PEGGY SUE GOT MARRIED (Francis Ford Coppola, 103 min, color, 1986)
What’s Happening: Middle-aged heroine awakens as her 18-year-old self
Famous For: Coppola’s most sensitive film
It’s also his most nostalgic film, taking the heroine back to 1960 when Coppola and his generation would be in high school or college. The cars, clothes, music, furnishings, even little advertisements, are all part of the appeal.

We empathize strongly with Peggy, not least because of an incredible performance from Kathleen Turner. Even at the opening (in 1985 before the 1960 re-awakening), Turner conveys anxiousness and vulnerability constantly at odds with hope and yearning. She is torn one way or another, between two eras, between two minds, between two men, between desire for change and fear of inevitability.

Perhaps we can relate Peggy’s situation to Hemingway’s Old Man and the Sea, the book argued over during her English class. As Santiago goes out to sea, Peggy goes back to her past. As Santiago catches the fish, Peggy achieves unresolved desires and learns about people anew. As Santiago returns home with mere bones, Peggy reawakens as her old self to find only a few things have changed.
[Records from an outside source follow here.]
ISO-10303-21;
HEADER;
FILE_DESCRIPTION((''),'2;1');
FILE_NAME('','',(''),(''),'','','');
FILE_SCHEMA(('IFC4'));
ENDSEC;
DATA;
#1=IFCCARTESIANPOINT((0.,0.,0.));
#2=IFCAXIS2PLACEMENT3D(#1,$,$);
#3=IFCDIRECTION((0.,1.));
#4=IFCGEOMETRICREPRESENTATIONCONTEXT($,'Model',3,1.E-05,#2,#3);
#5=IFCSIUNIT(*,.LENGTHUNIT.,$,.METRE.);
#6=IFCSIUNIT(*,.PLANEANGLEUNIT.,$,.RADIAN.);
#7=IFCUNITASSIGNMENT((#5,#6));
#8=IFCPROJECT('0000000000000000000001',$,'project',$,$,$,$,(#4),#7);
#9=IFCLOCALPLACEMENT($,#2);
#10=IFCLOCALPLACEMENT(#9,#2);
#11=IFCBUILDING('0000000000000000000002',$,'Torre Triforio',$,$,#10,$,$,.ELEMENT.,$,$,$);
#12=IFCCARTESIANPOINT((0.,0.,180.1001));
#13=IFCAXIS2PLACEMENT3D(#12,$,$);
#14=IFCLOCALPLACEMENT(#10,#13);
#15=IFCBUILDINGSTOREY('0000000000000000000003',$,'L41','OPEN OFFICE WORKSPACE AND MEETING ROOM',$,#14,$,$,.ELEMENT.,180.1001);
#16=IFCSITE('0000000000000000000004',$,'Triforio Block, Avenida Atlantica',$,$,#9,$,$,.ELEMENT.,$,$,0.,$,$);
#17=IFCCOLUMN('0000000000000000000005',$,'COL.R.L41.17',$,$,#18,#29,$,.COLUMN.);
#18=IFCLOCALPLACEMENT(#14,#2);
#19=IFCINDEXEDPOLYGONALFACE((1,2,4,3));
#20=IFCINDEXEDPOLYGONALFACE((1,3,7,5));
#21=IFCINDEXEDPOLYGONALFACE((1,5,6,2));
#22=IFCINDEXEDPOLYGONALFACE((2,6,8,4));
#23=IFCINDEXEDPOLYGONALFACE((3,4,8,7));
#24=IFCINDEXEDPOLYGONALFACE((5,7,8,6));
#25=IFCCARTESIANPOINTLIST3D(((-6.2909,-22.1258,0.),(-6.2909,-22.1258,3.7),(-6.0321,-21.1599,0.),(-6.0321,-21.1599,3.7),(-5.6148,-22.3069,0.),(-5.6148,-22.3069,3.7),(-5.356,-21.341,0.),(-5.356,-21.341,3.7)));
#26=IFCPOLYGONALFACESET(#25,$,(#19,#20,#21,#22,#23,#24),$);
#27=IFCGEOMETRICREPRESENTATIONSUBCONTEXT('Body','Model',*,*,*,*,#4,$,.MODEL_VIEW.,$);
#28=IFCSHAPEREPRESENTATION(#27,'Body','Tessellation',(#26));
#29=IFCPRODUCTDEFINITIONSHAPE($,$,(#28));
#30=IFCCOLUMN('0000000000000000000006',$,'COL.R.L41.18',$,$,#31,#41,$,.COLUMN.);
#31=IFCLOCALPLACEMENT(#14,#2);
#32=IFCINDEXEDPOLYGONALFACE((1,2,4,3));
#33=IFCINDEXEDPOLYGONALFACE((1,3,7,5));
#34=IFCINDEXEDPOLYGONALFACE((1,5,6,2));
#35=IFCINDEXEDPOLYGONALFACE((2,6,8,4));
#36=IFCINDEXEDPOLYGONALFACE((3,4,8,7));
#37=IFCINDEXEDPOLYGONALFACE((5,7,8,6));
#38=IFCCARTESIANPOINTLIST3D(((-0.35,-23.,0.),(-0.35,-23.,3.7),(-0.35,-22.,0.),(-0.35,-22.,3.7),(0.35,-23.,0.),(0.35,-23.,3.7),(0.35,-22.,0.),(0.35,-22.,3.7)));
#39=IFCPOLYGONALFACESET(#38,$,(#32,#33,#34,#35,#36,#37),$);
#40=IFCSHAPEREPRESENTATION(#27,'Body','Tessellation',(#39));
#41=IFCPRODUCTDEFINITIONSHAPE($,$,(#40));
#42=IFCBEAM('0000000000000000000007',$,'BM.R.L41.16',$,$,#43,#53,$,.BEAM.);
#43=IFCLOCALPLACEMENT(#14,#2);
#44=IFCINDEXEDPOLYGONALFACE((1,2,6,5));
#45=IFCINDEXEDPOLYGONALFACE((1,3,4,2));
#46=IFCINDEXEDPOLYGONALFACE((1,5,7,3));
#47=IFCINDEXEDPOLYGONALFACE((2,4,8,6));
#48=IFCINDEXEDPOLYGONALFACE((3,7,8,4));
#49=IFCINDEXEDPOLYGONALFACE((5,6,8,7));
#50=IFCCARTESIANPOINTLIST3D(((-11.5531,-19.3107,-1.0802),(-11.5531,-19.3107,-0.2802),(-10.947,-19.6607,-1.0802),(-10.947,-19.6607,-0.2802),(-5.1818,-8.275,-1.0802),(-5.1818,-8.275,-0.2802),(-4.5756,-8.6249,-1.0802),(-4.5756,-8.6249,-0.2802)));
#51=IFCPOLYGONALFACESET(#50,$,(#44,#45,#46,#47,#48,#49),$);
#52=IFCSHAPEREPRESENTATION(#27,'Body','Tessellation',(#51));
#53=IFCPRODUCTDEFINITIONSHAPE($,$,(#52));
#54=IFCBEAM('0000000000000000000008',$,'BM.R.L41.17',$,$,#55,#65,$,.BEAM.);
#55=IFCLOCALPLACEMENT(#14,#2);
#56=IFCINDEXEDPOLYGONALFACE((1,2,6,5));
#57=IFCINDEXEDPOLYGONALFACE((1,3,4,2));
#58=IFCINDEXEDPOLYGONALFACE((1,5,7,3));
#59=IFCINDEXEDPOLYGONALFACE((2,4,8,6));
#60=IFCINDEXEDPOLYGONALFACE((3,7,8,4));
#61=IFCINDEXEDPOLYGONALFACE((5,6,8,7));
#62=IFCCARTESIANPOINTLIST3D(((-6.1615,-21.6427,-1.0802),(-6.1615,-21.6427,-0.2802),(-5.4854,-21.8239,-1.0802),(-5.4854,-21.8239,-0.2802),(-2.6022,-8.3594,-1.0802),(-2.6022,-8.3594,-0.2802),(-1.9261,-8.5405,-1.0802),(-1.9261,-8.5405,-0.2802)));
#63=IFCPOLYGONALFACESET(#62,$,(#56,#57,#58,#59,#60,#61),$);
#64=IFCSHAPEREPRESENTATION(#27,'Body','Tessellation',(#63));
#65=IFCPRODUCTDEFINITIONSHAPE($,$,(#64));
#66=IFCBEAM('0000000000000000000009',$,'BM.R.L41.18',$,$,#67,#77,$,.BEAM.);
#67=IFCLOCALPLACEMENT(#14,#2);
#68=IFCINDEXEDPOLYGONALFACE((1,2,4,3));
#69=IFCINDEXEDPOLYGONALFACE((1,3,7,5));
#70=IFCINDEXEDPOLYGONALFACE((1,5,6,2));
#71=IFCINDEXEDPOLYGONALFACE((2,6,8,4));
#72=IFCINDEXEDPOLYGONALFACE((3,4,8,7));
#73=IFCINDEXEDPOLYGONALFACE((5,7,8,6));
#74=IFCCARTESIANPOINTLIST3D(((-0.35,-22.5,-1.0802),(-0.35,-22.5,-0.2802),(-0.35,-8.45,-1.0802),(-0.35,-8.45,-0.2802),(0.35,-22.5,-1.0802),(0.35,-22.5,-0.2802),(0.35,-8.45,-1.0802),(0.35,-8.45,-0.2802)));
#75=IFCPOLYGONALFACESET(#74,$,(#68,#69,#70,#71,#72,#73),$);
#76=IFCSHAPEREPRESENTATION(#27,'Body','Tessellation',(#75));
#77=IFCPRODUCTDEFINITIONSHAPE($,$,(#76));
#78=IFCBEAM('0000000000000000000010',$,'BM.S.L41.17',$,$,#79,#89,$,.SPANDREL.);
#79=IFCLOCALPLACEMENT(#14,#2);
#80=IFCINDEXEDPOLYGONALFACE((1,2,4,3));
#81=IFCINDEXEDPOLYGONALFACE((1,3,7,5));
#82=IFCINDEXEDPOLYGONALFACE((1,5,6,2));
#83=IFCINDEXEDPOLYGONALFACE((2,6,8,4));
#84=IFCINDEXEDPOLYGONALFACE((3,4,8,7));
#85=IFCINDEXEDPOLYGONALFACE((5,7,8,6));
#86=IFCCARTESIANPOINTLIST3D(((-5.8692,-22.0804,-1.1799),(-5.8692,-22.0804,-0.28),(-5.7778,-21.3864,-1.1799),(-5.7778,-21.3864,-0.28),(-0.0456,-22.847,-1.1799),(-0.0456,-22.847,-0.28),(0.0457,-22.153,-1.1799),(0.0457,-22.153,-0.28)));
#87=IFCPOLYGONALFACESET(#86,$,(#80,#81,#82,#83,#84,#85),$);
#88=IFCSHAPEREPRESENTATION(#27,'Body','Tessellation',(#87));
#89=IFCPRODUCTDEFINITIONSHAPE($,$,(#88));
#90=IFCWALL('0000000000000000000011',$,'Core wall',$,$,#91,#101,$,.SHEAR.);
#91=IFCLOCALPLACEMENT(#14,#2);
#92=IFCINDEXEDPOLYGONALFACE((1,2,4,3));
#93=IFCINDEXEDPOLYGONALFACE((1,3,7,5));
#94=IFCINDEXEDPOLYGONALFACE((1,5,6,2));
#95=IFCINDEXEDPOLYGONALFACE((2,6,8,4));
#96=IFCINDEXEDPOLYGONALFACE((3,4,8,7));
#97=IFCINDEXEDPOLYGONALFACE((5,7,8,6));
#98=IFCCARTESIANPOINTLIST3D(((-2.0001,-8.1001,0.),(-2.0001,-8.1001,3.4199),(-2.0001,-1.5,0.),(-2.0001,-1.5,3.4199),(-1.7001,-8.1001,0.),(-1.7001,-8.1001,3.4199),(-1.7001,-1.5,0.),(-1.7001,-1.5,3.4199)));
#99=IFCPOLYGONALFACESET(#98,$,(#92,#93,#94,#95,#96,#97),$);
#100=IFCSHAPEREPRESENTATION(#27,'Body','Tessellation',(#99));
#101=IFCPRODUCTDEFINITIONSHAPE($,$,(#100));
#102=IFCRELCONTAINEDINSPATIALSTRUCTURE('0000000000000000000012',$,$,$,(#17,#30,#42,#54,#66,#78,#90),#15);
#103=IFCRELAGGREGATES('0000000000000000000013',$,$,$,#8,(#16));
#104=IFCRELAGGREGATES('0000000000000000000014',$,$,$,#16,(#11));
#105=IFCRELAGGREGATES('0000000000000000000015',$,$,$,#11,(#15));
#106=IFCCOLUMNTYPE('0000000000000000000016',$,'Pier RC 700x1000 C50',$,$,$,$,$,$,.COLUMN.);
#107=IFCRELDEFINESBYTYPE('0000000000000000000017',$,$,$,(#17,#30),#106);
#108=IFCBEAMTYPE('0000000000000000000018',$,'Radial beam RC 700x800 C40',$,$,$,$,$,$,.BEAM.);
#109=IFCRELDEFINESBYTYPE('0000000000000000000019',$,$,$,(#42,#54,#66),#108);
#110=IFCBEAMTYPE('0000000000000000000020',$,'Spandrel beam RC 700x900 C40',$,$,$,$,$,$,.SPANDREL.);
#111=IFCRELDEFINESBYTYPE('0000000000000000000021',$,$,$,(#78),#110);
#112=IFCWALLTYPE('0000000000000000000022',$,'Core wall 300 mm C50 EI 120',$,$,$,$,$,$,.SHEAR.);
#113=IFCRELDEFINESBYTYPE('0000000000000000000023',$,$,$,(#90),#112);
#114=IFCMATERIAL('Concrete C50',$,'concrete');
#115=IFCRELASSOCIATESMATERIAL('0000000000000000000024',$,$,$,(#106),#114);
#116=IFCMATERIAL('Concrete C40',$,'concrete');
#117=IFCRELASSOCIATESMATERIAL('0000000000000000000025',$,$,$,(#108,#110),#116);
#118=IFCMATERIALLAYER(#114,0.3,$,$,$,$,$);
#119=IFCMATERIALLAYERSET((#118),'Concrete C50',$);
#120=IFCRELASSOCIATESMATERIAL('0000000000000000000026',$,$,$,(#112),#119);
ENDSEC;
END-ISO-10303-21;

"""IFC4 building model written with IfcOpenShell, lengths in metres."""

from ifc_helpers import new_model, si_unit, direction, frame, frame_2d, origin, origin_2d, place, context, subcontext, project, spatial, rectangle, extrude, material, layer, layer_set, material_profile, profile_set, type_object, element, save


model = new_model("IFC4")

# Units and contexts
model_context = context("Model", 3, precision=1e-05, world=origin(), true_north=direction((0.0, 1.0)))
body_context = subcontext(model_context, "Body", "Model", "MODEL_VIEW")
ifc_project = project(units=[si_unit("LENGTHUNIT", "METRE"), si_unit("PLANEANGLEUNIT", "RADIAN")], contexts=[model_context])

# Site, building, storey
site_placement = place(None, origin())
site = spatial("IfcSite", under=ifc_project, at=site_placement, Name="Triforio Block, Avenida Atlantica", CompositionType="ELEMENT", RefElevation=0.0)
building_placement = place(site_placement, origin())
building = spatial("IfcBuilding", under=site, at=building_placement, Name="Torre Triforio", CompositionType="ELEMENT")
storey_placement = place(building_placement, frame((0.0, 0.0, 180.1001)))
storey = spatial("IfcBuildingStorey", under=building, at=storey_placement, Name="L41", Description="OPEN OFFICE WORKSPACE AND MEETING ROOM", CompositionType="ELEMENT", Elevation=180.1001)

# Columns
ifc_material_1 = material(Name="Concrete C50", Category="concrete")
ifc_material_profile_1 = material_profile(ifc_material_1, rectangle(XDim=0.7, YDim=1.0, at=origin_2d()), Name="RC 700x1000")
ifc_profile_set_1 = profile_set([ifc_material_profile_1], Name="Concrete C50")
column_type = type_object("IfcColumnType", Name="Pier RC 700x1000 C50", PredefinedType="COLUMN", material=ifc_profile_set_1)
for number, where, z_axis, x_axis, name in (
    (1, (-5.8235, -21.7334, 0.0), (0.0, 0.0, 1.0), (0.965926, -0.258819, 0.0), "COL.R.L41.17"),
    (2, (0.0, -22.5, 0.0), (0.0, 0.0, 1.0), (1.0, 0.0, 0.0), "COL.R.L41.18"),
):
    element("IfcColumn", number, at=place(storey_placement, frame(where, z_axis=z_axis, x_axis=x_axis)), inside=storey, type_object=column_type, Name=name, PredefinedType="COLUMN", context=body_context, shape_type="SweptSolid", body=[
        extrude(rectangle(XDim=0.7, YDim=1.0, at=origin_2d()), origin(), (0.0, 0.0, 1.0), 3.7),
    ])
Yet we admire them both. If much in our lives is inevitable, we are no less heroic when we strive and struggle for change.
I’m probably making the film sound too serious. It’s actually quick and funny, and very impressive in how it straddles multiple genres: adult drama, high school, and fantasy.
While Turner’s performance has been universally lauded, Nicolas Cage’s has caused controversy. Coppola’s nephew and only 21 at the time, Cage insisted on overplaying the role and speaking in a squeaky voice.
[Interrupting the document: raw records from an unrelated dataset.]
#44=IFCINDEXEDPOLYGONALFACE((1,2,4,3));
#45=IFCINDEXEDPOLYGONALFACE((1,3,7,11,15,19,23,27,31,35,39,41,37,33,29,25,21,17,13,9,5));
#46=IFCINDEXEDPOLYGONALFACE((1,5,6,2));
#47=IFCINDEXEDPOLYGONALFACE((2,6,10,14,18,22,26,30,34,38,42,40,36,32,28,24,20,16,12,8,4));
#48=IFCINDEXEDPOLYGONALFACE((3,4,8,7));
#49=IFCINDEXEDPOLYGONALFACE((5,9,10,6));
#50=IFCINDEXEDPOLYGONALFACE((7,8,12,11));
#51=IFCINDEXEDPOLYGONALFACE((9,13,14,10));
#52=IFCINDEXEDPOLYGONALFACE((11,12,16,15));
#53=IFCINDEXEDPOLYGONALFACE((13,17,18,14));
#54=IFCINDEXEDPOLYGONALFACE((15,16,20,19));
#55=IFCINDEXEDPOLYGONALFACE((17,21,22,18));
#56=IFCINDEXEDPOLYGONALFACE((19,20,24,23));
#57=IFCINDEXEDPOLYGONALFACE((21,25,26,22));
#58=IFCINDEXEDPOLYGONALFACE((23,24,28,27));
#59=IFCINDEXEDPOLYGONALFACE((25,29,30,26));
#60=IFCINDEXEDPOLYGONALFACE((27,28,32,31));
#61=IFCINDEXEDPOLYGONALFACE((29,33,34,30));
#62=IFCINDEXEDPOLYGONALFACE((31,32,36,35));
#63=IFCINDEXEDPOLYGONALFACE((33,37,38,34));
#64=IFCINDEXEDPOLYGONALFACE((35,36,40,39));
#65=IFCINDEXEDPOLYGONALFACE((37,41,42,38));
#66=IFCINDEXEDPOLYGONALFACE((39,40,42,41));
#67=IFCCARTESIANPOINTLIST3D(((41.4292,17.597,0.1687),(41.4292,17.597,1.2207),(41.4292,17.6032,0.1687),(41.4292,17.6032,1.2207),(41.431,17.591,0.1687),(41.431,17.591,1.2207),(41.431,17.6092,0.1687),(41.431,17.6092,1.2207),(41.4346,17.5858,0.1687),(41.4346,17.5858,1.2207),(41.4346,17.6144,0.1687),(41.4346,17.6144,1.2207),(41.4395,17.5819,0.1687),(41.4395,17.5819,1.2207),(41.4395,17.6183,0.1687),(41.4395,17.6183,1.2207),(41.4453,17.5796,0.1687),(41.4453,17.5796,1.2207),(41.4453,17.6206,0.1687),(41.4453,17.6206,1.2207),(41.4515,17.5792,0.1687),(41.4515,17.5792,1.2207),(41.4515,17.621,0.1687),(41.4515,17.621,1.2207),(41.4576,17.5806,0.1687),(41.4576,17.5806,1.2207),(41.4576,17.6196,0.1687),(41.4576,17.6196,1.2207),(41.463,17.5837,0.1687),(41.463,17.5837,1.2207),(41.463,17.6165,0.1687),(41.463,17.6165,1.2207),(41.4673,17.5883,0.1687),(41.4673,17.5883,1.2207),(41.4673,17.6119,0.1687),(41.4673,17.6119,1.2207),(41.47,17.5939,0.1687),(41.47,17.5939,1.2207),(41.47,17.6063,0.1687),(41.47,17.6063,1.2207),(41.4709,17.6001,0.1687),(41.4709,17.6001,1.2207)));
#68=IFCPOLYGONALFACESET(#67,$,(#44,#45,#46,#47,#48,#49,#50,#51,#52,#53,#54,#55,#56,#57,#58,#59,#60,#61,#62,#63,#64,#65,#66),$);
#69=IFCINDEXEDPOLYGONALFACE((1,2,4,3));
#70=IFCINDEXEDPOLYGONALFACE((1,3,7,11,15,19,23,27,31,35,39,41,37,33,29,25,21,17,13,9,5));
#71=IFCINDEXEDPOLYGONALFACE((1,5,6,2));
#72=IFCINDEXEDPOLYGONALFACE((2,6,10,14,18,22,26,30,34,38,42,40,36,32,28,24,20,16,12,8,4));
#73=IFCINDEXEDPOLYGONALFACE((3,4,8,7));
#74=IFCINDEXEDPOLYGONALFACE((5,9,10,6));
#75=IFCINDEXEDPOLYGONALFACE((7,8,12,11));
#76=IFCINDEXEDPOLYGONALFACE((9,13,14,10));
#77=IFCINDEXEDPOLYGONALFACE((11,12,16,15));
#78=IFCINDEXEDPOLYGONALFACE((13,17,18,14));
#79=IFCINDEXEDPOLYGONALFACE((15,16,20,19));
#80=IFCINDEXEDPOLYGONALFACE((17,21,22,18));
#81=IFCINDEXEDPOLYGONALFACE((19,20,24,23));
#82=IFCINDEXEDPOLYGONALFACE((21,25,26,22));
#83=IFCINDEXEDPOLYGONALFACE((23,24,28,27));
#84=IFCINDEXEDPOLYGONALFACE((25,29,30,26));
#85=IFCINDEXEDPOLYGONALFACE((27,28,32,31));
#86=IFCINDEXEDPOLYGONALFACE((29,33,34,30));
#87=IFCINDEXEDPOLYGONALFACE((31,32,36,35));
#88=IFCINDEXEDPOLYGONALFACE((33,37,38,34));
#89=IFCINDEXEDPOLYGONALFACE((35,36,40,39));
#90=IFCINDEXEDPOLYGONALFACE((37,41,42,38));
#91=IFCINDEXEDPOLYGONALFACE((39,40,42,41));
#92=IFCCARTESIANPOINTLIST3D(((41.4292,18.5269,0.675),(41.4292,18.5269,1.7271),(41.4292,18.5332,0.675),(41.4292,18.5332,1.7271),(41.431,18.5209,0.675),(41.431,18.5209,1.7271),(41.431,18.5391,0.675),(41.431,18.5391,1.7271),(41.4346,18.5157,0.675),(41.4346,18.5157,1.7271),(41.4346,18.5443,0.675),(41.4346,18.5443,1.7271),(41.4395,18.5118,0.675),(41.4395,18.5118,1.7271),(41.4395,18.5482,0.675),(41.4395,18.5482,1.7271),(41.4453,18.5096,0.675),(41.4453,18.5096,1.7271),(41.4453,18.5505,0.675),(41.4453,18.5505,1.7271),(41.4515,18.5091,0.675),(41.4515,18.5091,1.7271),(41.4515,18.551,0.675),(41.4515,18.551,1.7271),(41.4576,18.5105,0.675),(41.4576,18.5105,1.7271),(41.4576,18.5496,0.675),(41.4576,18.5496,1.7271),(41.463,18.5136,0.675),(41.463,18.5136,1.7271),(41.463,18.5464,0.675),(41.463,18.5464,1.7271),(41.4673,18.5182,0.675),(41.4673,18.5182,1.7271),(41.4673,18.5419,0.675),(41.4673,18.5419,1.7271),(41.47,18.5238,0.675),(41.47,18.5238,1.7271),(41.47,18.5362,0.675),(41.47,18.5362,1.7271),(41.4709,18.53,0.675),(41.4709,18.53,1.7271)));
Additionally, Cage was difficult to work with and was criticized by Turner for near-criminal conduct during production (apparently her accusations were exaggerated). But, like him or not, Nicolas Cage can act. I liked him because he seemed as sincere in his anguish as he was annoying in his whining.
Rounding out the great cast are Barry Miller (the guy who fell from the bridge in Saturday Night Fever) as the science nerd who later makes it big, Jim Carrey (before Ace Ventura) as one of Charlie’s bandmates, and Kevin J. O’Connor (the mechanic from Deep Rising) as the young Beat poet who connects strongly with Peggy, at least for one night. Coppola’s daughter Sofia (13 at the time) plays Peggy’s younger sister; in 1999 she directed Turner in The Virgin Suicides.

Dion DiMucci (from Dion and the Belmonts) appears briefly on a television, and as I write this in summer 2025, Dion at age 86 still records and performs regularly.
Action: 6. Gore: 1. Sex: 6. Quality: 10. Camp: 6.
Don’t miss: Carradine’s farewell
Quotable exclamation: “No more Jell-O for me, Mom!”